Размер шрифта
-
+

Иммигрантский Дневник - стр. 51

8. Панки

1


Под землей атмосфера резко изменилась. Глаза пилил свет ртутных ламп, и в бескомпромиссном кафельном зале людской поток делился на альфу, гамму и дельту. По левой стороне, около небольшого привинченного к стене столика с лежащими на нем телефонными книгами, стоял панк. Одежда панков никогда не отличалась особой фантазией: булавки, серьги, рваные узкие джинсы, боты на шнурках и кожанка. Единственная разница между ними лишь в степени немытости и прическе. Этот неформал был высокого роста с зачесанным на бок оранжевым ирокезом. В общем, мой человек.

Панки – существа особые. Движение, возникшее на лондонских окраинах как протест против богатеньких Буратино и исповедующее индустриальный пофигизм, в течение десятилетий переросло в генетический дефект. Меня тянуло к таким людям с того момента, когда подающий светлые надежды Юра Перегуд однажды вышел из подъезда моего дома с полуметровым гребнем на голове и босиком. В таком виде он протопал мимо детской площадки с возмущенно воркующими на ней соседками: «Ой, а что это он?!»

Шла первая половина восьмидесятых. Подобный вид считался нарушением общественных устоев и никаким образом не соответствовал ленинскому восприятию жизни. После долгого кочевья по психушкам, исправительным учреждениям, рок-группам и вытрезвителям Юра вошел в историю Москвы под кличкой Сруль. Он – воплощение советского нонконформизма в самой перверзной форме и человек, своим поведением внесший немалый вклад в развал Союза.

Судьба Юры трагична. Он покончил жизнь самоубийством, выбросившись из окна, не захотев отдаться в руки пришедшим за ним ментам. Я помню его типично еврейскую манеру выговаривать «р», лицо в шрамах, и мы, пионеры-троечники, гордились им. Про него до сих пор рассказывают истории и легенды.

Панк около телефонных книг был трезв, добродушен и проявил интерес к моей личности.
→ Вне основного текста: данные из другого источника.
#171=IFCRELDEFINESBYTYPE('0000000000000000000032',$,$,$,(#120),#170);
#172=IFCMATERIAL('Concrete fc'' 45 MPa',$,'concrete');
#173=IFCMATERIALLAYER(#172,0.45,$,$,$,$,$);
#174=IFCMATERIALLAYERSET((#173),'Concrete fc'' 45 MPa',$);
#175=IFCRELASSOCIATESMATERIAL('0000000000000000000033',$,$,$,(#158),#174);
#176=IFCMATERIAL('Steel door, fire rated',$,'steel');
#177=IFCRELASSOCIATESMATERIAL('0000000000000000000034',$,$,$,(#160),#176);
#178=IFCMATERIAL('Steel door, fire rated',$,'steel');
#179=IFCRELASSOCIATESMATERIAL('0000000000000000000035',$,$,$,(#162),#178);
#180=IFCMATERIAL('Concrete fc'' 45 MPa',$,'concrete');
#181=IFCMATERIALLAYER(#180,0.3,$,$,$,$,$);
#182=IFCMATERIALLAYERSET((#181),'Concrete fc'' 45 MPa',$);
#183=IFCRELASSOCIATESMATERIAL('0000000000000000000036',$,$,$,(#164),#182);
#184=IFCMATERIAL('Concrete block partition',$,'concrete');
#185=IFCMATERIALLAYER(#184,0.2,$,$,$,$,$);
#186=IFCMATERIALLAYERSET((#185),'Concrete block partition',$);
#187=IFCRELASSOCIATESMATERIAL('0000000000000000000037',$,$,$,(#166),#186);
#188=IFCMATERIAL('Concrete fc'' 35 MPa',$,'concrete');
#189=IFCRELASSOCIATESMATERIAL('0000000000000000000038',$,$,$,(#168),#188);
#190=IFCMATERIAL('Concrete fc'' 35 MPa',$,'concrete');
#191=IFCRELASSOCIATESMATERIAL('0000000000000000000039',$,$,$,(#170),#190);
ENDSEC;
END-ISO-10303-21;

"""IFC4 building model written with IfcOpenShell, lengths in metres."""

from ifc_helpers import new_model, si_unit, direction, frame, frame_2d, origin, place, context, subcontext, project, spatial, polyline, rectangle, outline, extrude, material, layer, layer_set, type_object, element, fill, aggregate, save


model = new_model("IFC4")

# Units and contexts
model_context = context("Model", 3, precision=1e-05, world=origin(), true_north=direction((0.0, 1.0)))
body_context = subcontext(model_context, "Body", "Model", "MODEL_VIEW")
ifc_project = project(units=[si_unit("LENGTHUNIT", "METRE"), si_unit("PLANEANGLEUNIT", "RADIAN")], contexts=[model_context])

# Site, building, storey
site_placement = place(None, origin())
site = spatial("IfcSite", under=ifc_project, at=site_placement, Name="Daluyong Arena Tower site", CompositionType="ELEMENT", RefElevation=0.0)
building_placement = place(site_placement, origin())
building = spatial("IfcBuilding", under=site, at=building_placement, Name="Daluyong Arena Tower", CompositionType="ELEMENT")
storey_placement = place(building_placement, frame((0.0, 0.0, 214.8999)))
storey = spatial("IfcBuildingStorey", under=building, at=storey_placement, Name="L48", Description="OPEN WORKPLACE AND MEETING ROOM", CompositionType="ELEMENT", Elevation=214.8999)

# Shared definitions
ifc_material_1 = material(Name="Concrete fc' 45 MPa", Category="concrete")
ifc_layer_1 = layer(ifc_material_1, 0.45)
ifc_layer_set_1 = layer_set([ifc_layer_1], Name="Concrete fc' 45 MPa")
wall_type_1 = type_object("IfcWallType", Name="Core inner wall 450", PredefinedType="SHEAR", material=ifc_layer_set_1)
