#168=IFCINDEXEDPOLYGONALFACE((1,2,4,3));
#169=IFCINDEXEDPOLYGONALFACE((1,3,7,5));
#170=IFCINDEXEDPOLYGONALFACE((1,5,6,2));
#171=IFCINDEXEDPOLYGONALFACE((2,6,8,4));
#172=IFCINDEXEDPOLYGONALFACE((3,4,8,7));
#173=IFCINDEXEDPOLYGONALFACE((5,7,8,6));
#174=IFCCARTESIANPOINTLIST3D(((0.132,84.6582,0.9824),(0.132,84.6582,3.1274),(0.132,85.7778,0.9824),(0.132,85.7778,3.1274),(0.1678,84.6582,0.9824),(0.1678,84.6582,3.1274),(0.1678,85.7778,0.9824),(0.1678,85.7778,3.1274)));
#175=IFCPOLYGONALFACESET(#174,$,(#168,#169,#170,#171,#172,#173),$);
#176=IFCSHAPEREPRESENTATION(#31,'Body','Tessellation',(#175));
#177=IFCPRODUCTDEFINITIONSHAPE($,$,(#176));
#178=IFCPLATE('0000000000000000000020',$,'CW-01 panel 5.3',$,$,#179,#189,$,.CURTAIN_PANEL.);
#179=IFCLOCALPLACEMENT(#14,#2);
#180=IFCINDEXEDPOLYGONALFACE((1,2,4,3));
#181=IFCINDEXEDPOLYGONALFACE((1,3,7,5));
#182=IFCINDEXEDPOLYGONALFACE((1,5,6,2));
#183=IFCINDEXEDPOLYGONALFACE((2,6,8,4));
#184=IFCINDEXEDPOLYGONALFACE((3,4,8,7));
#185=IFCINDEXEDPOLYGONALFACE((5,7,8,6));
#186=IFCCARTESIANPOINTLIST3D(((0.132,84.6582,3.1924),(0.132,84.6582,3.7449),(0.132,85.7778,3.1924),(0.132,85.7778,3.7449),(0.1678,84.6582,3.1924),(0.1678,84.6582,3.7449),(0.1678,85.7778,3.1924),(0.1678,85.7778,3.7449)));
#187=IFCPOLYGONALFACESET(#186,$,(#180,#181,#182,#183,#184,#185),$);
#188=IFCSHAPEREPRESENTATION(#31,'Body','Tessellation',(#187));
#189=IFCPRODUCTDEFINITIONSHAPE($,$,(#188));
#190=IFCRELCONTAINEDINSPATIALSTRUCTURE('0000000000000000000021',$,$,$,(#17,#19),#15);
Не сомневаюсь, что это вызвано грязью, свисающей с меня сталактитами.

– Хэй. Ю? Ванна смок? – он спрашивал меня, хочу ли я покурить. А я тогда не травил себя никотином. Мне в голову не пришло, что его предложение имело мало общего с курением обыкновенной сигареты. Конечно, речь шла о наркотиках. О чем еще может идти речь у панков?

– Ноу. Сэнкс.

Междометия и отдельные слова переросли во фразы. Через некоторое время мы с интересом болтали. Его звали Торстэн. Прибыл парень из Гамбурга несколько часов назад и занимался попрошайничеством. Пояснив, что место нехорошее и полиция тут как дома, он потащил меня за рукав куртки на платформу метро.

В вагоне людское броуновское движение застыло. Покачивался поезд метро, и в такт с ним покачивались немцы. Покачивался Торстэн, и покачивался я. Напротив нас около дверей покачивалась безразличная физиономия барыги по имени Томас. Подмигнув, он подошел к нам и достал из кармана пакетик со светло-зеленым товаром – марихуаной. Панк излучил ультрафиолетовую радость в предвкушении томно-веселого состояния. Побренчав в сумке мелочью и отсчитав деньги, он включил Томаса в наш коллектив.